While Tomanbay's essay emphasizes the "Right of Sovereignty" to water originating on Turkish territory, other strong legal claims to the water of rivers shared by several riparians are based upon the concepts of the "Right of Prior Usage" and the "Right of Equity." All three types of claims are recognized by the international community. When concerned riparian litigants cite two or all three, as in the present situation, deciding among them compounds the problem. Taken in combination, the water demanded by the three riparians would exceed the actual flow of the Euphrates in the year 2040 by at least 2.0 bcm/yr (Ozal and Altinbilek, Table 8; Kolars and Mitchell, Figure 11.1 for a similar predication).

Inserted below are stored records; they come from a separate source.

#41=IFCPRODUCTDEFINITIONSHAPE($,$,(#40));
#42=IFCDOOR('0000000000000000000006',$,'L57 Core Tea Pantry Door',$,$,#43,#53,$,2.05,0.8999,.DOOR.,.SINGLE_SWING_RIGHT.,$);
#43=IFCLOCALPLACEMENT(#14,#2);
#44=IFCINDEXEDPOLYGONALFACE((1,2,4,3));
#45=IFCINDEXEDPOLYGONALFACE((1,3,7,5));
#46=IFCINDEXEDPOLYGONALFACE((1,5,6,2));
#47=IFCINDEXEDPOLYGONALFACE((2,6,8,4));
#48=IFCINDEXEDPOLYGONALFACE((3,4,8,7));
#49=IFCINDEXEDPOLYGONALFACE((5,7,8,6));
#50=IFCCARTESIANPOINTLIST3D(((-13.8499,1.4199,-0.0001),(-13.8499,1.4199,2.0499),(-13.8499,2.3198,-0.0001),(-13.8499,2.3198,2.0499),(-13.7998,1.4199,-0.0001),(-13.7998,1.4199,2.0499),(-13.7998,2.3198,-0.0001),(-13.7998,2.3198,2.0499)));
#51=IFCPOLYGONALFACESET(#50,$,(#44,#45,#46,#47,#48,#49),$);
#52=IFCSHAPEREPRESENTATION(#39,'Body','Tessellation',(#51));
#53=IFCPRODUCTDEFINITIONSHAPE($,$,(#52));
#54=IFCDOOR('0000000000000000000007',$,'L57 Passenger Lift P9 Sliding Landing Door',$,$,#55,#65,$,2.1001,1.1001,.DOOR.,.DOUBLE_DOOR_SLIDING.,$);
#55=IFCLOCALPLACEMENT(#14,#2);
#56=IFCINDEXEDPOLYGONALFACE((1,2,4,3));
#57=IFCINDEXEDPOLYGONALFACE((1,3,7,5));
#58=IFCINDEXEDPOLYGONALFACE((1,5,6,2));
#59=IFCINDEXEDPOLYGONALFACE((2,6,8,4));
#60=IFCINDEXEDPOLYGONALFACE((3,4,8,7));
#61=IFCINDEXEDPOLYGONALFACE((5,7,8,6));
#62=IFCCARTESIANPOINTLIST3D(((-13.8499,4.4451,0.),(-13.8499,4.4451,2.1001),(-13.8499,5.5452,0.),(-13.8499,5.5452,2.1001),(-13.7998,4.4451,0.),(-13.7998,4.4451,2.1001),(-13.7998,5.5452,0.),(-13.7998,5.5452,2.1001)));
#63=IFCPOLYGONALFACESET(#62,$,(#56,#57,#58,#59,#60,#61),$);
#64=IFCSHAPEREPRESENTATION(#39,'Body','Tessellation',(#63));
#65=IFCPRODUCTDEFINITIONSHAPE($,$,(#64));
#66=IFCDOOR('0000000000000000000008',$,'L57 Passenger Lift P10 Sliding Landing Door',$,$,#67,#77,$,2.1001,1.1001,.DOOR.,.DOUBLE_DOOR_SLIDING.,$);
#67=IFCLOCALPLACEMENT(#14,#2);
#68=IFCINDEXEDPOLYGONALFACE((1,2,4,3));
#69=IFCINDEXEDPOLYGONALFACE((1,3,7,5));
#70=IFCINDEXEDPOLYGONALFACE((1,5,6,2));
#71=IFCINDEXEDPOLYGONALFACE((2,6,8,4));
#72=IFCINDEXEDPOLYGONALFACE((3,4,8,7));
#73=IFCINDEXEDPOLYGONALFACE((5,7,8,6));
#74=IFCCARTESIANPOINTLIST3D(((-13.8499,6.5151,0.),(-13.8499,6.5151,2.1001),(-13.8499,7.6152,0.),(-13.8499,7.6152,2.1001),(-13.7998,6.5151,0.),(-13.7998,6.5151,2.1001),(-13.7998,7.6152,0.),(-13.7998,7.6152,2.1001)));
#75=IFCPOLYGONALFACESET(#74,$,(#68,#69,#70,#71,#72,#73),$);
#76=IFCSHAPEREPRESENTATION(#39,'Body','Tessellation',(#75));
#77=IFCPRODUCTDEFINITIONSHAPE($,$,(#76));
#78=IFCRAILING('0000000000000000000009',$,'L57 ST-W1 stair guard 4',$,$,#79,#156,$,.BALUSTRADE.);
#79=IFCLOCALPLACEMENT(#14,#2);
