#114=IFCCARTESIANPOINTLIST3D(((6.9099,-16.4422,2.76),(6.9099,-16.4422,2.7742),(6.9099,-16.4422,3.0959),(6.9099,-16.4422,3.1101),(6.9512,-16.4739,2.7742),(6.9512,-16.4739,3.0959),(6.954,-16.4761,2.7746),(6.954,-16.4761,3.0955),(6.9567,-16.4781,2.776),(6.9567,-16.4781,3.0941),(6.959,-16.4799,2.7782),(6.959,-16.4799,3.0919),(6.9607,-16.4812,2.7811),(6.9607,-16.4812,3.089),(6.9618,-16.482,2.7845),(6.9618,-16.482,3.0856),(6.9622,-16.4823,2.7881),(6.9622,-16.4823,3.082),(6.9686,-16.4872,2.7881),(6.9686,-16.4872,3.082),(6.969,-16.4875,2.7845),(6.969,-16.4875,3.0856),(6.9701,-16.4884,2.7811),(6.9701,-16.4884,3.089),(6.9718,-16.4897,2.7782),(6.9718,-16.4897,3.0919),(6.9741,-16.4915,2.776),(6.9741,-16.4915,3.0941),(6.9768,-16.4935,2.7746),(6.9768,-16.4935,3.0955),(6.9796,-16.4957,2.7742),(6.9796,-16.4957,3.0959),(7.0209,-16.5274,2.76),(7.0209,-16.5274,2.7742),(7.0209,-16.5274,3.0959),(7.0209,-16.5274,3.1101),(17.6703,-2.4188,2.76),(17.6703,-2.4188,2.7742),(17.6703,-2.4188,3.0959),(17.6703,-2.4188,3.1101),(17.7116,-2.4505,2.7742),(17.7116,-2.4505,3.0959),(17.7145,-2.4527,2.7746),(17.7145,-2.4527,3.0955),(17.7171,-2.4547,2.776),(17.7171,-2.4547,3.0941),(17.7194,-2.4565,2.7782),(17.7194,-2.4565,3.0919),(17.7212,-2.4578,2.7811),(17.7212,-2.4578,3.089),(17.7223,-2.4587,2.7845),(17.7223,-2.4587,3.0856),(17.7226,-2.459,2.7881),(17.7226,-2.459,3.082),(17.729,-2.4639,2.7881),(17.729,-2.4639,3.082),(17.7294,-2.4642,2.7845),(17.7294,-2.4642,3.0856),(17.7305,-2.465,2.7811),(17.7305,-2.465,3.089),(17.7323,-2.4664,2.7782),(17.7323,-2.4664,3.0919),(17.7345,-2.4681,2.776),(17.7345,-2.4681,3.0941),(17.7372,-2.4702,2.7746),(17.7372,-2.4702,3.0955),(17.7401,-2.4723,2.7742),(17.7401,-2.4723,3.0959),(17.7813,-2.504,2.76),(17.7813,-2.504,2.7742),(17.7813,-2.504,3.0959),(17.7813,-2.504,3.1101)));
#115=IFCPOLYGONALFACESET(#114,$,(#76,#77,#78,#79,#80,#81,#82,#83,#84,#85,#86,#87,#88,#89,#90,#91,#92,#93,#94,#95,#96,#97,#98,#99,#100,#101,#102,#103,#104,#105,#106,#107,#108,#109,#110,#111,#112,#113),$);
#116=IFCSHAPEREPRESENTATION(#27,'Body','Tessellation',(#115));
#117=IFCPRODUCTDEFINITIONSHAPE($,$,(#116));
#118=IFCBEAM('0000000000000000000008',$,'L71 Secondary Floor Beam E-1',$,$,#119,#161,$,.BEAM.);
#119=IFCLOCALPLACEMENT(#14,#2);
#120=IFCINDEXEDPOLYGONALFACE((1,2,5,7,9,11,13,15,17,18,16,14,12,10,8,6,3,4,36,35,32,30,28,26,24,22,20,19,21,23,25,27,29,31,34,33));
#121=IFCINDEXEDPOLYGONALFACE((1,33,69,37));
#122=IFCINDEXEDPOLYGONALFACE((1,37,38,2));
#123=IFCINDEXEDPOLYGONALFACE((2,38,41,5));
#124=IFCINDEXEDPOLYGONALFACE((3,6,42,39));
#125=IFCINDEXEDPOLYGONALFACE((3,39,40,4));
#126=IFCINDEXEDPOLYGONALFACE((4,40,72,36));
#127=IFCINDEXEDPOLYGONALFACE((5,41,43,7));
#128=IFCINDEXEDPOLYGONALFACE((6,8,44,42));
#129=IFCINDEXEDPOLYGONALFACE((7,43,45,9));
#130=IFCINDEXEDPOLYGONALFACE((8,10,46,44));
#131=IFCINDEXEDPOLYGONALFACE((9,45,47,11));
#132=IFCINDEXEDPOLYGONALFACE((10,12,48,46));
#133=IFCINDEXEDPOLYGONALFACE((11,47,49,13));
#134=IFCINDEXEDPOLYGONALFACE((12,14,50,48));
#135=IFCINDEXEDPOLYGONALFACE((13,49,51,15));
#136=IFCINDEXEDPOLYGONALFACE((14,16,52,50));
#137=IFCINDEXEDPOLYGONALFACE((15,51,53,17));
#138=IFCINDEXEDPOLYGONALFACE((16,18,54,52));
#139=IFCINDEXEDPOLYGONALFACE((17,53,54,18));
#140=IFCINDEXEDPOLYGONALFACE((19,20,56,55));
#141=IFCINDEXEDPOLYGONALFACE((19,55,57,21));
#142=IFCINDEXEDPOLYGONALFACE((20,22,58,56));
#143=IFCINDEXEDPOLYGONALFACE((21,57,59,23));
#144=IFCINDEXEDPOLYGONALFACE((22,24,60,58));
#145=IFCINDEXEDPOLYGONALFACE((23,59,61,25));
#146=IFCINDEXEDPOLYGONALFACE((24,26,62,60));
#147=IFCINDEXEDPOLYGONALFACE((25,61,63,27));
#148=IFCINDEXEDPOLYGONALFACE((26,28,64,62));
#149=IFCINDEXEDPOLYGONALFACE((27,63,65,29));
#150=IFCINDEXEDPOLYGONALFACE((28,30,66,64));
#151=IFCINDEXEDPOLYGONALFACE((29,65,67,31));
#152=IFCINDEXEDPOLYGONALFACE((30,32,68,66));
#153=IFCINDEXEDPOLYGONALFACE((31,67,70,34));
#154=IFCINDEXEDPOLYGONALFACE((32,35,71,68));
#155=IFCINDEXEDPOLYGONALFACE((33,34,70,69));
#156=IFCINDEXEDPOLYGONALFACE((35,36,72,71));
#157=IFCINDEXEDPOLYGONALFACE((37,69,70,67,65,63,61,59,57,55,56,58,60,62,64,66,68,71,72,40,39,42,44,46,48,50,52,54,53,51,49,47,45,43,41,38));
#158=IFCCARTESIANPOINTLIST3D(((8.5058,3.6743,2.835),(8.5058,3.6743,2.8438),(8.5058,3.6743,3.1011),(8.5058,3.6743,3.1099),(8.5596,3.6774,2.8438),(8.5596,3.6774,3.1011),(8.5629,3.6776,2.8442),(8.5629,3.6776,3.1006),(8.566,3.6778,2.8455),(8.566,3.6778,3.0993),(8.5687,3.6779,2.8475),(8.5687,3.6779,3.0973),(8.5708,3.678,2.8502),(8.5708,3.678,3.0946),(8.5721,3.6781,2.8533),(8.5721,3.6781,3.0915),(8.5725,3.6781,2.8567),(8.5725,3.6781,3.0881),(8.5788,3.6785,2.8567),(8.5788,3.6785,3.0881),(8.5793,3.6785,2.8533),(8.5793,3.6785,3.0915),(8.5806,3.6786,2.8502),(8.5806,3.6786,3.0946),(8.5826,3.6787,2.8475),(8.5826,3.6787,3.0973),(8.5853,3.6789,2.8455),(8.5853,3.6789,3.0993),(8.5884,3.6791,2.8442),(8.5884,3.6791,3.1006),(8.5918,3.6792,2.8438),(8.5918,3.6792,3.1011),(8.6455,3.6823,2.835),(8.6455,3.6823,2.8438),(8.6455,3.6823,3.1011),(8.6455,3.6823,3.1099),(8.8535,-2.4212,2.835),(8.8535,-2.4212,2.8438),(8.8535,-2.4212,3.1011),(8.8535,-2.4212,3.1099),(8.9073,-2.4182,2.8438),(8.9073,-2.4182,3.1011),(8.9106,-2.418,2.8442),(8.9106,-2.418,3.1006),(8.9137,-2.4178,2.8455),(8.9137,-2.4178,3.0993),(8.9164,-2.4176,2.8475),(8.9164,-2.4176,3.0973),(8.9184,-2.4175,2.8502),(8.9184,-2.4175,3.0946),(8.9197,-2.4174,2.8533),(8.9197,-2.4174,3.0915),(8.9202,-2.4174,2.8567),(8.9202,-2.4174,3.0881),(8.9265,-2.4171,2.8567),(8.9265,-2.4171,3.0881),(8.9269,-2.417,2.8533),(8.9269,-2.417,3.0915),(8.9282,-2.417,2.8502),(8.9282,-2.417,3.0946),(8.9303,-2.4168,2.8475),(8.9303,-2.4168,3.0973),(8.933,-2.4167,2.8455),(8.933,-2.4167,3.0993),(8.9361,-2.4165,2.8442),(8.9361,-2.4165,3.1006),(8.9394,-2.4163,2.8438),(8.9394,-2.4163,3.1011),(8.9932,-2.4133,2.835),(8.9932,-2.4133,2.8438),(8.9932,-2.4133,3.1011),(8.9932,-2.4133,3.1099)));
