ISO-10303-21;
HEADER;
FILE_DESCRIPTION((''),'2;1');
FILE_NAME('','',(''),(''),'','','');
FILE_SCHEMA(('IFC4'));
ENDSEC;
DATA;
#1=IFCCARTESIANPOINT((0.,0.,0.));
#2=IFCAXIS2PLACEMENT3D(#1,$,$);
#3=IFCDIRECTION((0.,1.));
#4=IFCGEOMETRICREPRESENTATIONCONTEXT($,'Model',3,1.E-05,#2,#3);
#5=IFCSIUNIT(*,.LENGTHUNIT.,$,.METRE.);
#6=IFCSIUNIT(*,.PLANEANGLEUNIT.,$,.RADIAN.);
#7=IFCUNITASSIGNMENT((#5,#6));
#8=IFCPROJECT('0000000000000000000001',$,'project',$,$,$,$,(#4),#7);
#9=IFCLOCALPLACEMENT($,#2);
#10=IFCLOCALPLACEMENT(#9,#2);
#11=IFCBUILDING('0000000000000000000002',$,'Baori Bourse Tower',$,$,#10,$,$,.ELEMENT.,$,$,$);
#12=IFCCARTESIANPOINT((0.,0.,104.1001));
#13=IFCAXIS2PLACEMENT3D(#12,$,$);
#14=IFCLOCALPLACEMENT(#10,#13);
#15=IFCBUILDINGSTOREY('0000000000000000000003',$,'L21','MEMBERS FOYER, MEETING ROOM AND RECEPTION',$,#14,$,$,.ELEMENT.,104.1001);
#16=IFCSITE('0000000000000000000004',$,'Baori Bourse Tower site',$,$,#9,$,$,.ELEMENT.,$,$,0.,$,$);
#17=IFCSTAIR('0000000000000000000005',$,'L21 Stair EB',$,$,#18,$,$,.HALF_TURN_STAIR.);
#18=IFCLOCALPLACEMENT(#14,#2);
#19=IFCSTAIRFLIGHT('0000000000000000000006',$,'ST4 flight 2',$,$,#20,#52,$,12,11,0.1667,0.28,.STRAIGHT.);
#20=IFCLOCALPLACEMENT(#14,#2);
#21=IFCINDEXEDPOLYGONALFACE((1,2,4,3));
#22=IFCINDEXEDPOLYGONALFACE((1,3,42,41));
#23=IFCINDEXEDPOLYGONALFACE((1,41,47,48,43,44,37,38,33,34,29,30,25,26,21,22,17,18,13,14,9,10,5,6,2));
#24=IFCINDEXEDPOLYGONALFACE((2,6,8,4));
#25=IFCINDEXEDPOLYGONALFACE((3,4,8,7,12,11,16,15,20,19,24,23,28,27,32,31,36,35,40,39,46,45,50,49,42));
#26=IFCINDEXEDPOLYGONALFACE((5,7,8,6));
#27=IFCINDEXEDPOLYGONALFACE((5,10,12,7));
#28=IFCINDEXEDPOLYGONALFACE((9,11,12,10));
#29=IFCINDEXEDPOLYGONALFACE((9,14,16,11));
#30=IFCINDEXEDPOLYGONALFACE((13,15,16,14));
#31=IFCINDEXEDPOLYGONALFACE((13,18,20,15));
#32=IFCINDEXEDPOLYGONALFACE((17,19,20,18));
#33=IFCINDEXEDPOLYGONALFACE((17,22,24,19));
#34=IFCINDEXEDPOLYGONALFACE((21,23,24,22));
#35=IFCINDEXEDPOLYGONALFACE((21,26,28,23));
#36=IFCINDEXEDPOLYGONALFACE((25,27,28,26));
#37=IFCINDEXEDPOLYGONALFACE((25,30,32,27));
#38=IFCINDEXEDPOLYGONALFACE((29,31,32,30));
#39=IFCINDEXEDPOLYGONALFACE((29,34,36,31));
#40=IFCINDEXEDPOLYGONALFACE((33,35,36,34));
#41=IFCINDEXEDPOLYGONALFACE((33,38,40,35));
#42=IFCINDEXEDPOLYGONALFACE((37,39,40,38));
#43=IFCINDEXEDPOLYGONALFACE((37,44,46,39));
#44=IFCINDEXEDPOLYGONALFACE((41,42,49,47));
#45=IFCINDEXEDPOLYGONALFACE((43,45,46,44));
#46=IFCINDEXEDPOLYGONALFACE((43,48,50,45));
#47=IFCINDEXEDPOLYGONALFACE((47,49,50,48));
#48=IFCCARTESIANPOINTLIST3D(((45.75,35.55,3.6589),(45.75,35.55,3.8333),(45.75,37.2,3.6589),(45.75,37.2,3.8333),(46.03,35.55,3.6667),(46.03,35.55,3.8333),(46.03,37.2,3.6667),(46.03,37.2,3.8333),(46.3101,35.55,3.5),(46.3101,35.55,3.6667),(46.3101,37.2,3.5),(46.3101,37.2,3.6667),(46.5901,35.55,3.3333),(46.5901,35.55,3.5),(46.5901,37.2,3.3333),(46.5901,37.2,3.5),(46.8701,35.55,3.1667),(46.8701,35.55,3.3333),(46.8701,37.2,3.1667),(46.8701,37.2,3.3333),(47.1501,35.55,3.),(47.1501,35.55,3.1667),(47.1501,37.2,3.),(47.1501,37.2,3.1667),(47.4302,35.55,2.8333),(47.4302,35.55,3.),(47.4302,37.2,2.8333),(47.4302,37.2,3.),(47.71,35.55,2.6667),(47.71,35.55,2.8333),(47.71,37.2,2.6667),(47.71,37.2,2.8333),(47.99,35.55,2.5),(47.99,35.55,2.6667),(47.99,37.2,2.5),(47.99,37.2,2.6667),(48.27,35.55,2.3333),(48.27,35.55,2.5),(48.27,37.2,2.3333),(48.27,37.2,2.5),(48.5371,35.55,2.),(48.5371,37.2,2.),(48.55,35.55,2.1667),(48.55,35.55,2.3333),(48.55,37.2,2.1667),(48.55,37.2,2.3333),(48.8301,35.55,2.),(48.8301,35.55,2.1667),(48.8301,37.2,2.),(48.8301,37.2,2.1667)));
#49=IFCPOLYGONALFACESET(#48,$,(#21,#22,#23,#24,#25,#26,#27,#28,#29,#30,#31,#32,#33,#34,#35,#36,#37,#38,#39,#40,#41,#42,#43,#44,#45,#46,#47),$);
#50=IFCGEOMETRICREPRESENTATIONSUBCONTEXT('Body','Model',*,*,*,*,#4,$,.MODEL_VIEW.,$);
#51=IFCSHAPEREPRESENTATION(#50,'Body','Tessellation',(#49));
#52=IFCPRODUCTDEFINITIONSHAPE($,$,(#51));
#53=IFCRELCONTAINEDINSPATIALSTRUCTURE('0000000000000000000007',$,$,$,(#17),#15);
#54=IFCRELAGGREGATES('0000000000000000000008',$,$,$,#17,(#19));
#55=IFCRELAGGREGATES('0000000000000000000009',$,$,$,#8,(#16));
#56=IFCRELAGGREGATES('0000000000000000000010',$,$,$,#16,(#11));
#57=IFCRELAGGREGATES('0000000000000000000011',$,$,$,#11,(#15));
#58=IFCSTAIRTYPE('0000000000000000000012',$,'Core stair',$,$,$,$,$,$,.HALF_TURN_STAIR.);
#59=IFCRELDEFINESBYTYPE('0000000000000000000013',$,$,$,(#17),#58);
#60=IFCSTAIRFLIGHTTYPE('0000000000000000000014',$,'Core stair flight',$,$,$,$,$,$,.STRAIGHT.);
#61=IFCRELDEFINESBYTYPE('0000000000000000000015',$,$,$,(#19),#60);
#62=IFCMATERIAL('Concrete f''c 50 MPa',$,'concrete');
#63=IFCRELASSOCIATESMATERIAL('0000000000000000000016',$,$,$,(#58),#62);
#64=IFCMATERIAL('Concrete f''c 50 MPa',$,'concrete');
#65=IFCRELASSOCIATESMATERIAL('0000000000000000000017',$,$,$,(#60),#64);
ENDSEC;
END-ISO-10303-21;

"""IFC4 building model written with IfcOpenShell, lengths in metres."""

from ifc_helpers import new_model, si_unit, direction, frame, origin, place, context, subcontext, project, spatial, polyline, outline, extrude, material, type_object, element, aggregate, save


model = new_model("IFC4")

# Units and contexts
model_context = context("Model", 3, precision=1e-05, world=origin(), true_north=direction((0.0, 1.0)))
body_context = subcontext(model_context, "Body", "Model", "MODEL_VIEW")
ifc_project = project(units=[si_unit("LENGTHUNIT", "METRE"), si_unit("PLANEANGLEUNIT", "RADIAN")], contexts=[model_context])

# Site, building, storey
site_placement = place(None, origin())
site = spatial("IfcSite", under=ifc_project, at=site_placement, Name="Baori Bourse Tower site", CompositionType="ELEMENT", RefElevation=0.0)
building_placement = place(site_placement, origin())
building = spatial("IfcBuilding", under=site, at=building_placement, Name="Baori Bourse Tower", CompositionType="ELEMENT")
storey_placement = place(building_placement, frame((0.0, 0.0, 104.1001)))
storey = spatial("IfcBuildingStorey", under=building, at=storey_placement, Name="L21", Description="MEMBERS FOYER, MEETING ROOM AND RECEPTION", CompositionType="ELEMENT", Elevation=104.1001)

# Stair, stair flight
ifc_material_1 = material(Name="Concrete f'c 50 MPa", Category="concrete")
stair_type = type_object("IfcStairType", Name="Core stair", PredefinedType="HALF_TURN_STAIR", material=ifc_material_1)
stair_placement = place(storey_placement, origin())
stair = element("IfcStair", 1, at=stair_placement, inside=storey, type_object=stair_type, Name="L21 Stair EB", PredefinedType="HALF_TURN_STAIR")
ifc_material_2 = material(Name="Concrete f'c 50 MPa", Category="concrete")
stair_flight_type = type_object("IfcStairFlightType", Name="Core stair flight", PredefinedType="STRAIGHT", material=ifc_material_2)
stair_flight_1_placement = place(storey_placement, frame((48.8301, 36.375, 2.0), z_axis=(0.0, 0.0, 1.0), x_axis=(-1.0, 0.0, 0.0)))
stair_flight_1 = element("IfcStairFlight", 2, at=stair_flight_1_placement, type_object=stair_flight_type, Name="ST4 flight 2", NumberOfRisers=12, NumberOfTreads=11, PredefinedType="STRAIGHT", RiserHeight=0.1667, TreadLength=0.28, context=body_context, shape_type="SweptSolid", body=[
    extrude(outline(polyline([(0.0, 0.0), (0.0, 0.1667), (0.28, 0.1667), (0.28, 0.3333), (0.5601, 0.3333), (0.5601, 0.5), (0.8401, 0.5), (0.8401, 0.6667), (1.1201, 0.6667), (1.1201, 0.8333), (1.3999, 0.8333), (1.3999, 1.0), (1.6799, 1.0), (1.6799, 1.1667), (1.96, 1.1667), (1.96, 1.3333), (2.24, 1.3333), (2.24, 1.5), (2.52, 1.5), (2.52, 1.6667), (2.8, 1.6667), (2.8, 1.8333), (3.0801, 1.8333), (3.0801, 2.0), (3.0801, 1.6589), (0.293, 0.0), (0.0, 0.0)])), frame((0.0, 0.825, 0.0), z_axis=(0.0, -1.0, 0.0), x_axis=(1.0, 0.0, 0.0)), (0.0, 0.0, 1.0), 1.6499),
])
aggregate(stair, [stair_flight_1])

save(model, "model.ifc")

Continued disagreement over the waters of the Euphrates and Tigris Rivers, as exemplified by Professor Tomanbay's article, is the result of changes in "the location of water management activity and the type of water controls (which have been) introduced" (Beaumont, 171). Such changes, after centuries of stasis, have been abrupt. Before the introduction of gasoline pumps for cotton production in the 1950s there was little Syrian utilization of Euphrates' waters (Kolars, 1994, 135). "Irrigated hectarage on the Euphrates, Orantes (Asi), and Khabur leaped from 284,000 ha in 1956 to 583,000 ha in 1957" (Sanlaville and Metral, 231). By 1970 160,000 ha in the Syrian Euphrates valley, largely in the hands of private entrepreneurs, were under irrigation (Treakle, 19). As a result, Syria, the middle riparian on the Euphrates, bases its strongest claims on the principle of equity, for not only does it need water from the river for a major portion of its irrigated agriculture, but also faces severe domestic water shorta ges. Aleppo already depends upon Euphrates' water piped from Lake Assad, while similar shortages in Damascus and Homs must in the future be met by inputs from the same river.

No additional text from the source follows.